Overall the collection was prettier in the packaging than it was in pictures, on faces and on hands.  Some of the stuff I'm keeping is just basically because I don't want to make myself look bad by returning almost everything I bought.  After getting my hands on this collection there is nothing that I couldn't live without.  I think I've just got so much makeup now I'm dublicating almost everything I own.  I think I should hold off from buying makeup for the next little while. I need to start using up some stuff.


----------



## shygirl (Jun 7, 2006)

OnaFrye: I definitely agree with you regarding Sweetie Cake and Relaxing. However, I don't think MAC is ignoring anyone. It's just that some shades work better on some than others. For example, I believe that the Ornamentalism collection was very pretty on darker skin tones. Jewelbright kind of washed out those with light lip pigmentation, etc.


----------



## PrettyKitty (Jun 7, 2006)

I love Mancatcher, Sea Myth, Delphic and Stroke of Lust. I use my #209 brush for Delphic and it's the same shade on my lids than in the pot. 

However, Maidenchant blush is too glittery and cool toned.


----------



## bellaetoile (Jun 7, 2006)

mmm. i'm a little disenchanted with it. i thought the colors and textures all looked so gorgeous in the store, yet i'm really disappointed with some of thte products. sea myth shadow does nothing on my nc42 skin, and i really dislike the consistency of the blushcremes and the tlc sticks...also, the lipglasses i bought aren't really what i was hoping them to be, either. so yeah, i may end up doing some returns...since i know i'll be buying the she shines stuff..


----------



## queenofdisaster (Jun 7, 2006)

nothing from lure really called out to me, either... i was eyeing the pearlizers but once i saw them in person, they really werent all that great. the only thing that grabs me is the pretty packaging... lol! they're great colors, but i think ill stick with my neutrals.


----------



## FacesbyNiki (Jun 7, 2006)

Quote:

   Originally Posted by *shygirl* 
_OnaFrye: I definitely agree with you regarding Sweetie Cake and Relaxing. However, I don't think MAC is ignoring anyone. It's just that some shades work better on some than others. For example, I believe that the Ornamentalism collection was very pretty on darker skin tones. Jewelbright kind of washed out those with light lip pigmentation, etc._

 
Agree!


----------



## Julie (Jun 7, 2006)

This was the only collection that I returned stuff. I returned Aquavert, Sex Ray, Bait and Goddess lipstick. I kept Phosphorelle, Delphic and Haunting. I loved the packaging but the colors were just like colors I already have.


----------



## syrene78 (Jun 7, 2006)

I am NW15 and I love this collection. 
My favorites are Waternymph, Aquavert, Delphic, Haunting, Stoke of Lust, Bait, the Pearlizers and I do like the other e/s. However they are sheer colors, so they don't show unless you really mix them or put them on top of something.
Waternymph is different than any other green-blue, maybe similar but it is different.
I don't have Seedy pearl, so I can't tell if it's like Sea Myth and I don't think that Auavert looks like Lustreleaf. Lustreleaf is a lot more shimmery and it is not the same green.
Mancatcher is more red than Lovely Lily and less pink.

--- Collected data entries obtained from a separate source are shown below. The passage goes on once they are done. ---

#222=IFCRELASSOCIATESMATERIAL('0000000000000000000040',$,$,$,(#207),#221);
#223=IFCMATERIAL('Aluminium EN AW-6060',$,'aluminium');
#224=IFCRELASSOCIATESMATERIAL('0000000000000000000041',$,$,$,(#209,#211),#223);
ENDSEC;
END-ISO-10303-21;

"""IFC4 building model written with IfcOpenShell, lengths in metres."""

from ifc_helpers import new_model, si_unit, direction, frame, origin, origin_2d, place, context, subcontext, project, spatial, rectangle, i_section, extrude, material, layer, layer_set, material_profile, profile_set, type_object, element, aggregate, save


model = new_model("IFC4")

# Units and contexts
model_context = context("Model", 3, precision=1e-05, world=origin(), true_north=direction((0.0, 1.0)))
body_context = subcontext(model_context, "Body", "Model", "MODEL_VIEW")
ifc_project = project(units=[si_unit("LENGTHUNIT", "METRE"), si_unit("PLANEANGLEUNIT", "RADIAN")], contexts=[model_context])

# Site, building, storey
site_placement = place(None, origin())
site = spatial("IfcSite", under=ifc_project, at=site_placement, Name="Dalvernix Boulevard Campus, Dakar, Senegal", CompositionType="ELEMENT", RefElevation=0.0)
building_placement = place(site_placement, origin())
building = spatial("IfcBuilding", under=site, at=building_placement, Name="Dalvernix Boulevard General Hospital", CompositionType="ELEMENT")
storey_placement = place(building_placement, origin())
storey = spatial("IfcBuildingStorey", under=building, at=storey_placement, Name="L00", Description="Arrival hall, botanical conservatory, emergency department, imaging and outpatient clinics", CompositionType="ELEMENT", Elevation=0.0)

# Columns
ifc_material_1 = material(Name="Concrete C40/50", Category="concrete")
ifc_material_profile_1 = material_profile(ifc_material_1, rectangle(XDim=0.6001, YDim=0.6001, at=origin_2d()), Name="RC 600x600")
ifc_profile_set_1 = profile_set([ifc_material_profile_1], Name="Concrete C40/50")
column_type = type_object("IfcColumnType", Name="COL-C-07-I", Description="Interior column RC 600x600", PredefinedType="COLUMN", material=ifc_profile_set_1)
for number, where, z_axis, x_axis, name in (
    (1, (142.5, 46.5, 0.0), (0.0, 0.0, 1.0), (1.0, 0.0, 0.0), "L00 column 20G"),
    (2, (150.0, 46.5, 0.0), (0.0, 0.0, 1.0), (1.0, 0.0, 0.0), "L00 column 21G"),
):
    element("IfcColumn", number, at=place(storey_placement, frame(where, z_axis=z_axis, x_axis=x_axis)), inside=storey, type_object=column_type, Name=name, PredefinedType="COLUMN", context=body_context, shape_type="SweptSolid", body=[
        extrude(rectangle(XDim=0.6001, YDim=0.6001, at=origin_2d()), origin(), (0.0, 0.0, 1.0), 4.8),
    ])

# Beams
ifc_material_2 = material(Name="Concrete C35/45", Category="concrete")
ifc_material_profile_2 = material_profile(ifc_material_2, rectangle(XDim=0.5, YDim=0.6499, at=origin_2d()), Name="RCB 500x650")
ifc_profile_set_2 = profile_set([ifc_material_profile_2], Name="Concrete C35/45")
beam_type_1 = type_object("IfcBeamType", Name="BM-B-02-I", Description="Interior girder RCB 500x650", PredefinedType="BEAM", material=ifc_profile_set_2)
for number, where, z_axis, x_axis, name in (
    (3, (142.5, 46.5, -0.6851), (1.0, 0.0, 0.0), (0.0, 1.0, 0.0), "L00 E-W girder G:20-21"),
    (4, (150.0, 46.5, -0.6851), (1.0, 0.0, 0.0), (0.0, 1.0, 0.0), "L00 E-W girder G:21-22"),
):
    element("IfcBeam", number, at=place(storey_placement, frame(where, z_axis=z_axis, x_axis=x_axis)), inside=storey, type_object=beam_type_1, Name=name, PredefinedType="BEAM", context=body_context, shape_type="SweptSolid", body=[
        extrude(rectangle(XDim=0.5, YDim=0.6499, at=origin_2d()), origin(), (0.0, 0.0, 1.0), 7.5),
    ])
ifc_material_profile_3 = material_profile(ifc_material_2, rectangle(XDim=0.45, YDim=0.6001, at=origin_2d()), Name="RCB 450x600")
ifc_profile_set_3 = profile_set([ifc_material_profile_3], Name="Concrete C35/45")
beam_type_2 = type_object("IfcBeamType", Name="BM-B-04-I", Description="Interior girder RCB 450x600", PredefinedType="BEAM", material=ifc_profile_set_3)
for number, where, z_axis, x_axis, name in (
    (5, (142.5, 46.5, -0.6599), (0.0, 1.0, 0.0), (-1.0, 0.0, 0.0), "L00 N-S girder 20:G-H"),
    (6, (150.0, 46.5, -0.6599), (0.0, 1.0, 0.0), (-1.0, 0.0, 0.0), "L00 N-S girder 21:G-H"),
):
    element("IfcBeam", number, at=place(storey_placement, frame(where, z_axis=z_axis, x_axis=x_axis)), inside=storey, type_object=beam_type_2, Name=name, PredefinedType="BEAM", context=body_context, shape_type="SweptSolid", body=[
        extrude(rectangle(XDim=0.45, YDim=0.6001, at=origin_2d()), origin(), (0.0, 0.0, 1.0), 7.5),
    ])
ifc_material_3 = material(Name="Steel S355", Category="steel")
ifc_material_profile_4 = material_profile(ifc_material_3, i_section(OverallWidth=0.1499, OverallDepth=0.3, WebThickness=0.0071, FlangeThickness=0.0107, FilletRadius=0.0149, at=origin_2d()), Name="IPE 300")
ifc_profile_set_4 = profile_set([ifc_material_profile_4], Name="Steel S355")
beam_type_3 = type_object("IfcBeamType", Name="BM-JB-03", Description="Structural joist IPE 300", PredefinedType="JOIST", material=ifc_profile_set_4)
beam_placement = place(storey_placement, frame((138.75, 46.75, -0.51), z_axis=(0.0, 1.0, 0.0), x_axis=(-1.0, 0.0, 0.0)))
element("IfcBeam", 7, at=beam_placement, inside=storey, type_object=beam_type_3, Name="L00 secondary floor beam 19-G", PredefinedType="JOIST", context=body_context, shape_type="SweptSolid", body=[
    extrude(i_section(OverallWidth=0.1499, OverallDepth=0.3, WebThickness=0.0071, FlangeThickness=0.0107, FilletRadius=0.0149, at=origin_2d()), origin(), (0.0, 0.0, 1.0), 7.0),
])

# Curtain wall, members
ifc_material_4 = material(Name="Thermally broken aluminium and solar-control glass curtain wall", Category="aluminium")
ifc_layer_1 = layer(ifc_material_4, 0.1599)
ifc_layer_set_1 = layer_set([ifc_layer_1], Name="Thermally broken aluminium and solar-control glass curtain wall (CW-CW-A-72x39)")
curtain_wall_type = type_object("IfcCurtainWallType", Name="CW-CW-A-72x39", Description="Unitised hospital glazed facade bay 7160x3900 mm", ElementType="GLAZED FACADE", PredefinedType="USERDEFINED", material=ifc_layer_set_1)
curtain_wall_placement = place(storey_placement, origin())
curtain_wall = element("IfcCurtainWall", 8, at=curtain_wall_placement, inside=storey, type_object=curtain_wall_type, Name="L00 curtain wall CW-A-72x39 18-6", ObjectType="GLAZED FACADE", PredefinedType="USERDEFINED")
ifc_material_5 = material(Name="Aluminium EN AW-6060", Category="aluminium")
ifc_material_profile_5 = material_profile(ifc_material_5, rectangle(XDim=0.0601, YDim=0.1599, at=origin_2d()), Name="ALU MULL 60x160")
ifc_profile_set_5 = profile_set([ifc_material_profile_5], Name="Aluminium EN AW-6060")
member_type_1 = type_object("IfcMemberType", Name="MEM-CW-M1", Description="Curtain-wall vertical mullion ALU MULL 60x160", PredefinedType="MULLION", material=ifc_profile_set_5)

Don't return everything until YOU try it. Give it a chance!


----------



## littlemissmagic (Jun 7, 2006)

i bought lune and am returning it. i wanted the colour of the pot to show up on my cheeks and all i got was gold glitter. 
I LOVE LOVE LOVE the packaging though!


----------



## pugmommy7 (Jun 7, 2006)

Use delphic as a shadowbase- it will change EVERYTHING!!!  I have not tried it as a liner and don't plan too- but i do bring it around undereye liner when i am applying it to my lid. OMG it is gorgeous!!!

H/E,I am selling or returning the lippies by tommorrow.(lure/phosphorelle/sex ray)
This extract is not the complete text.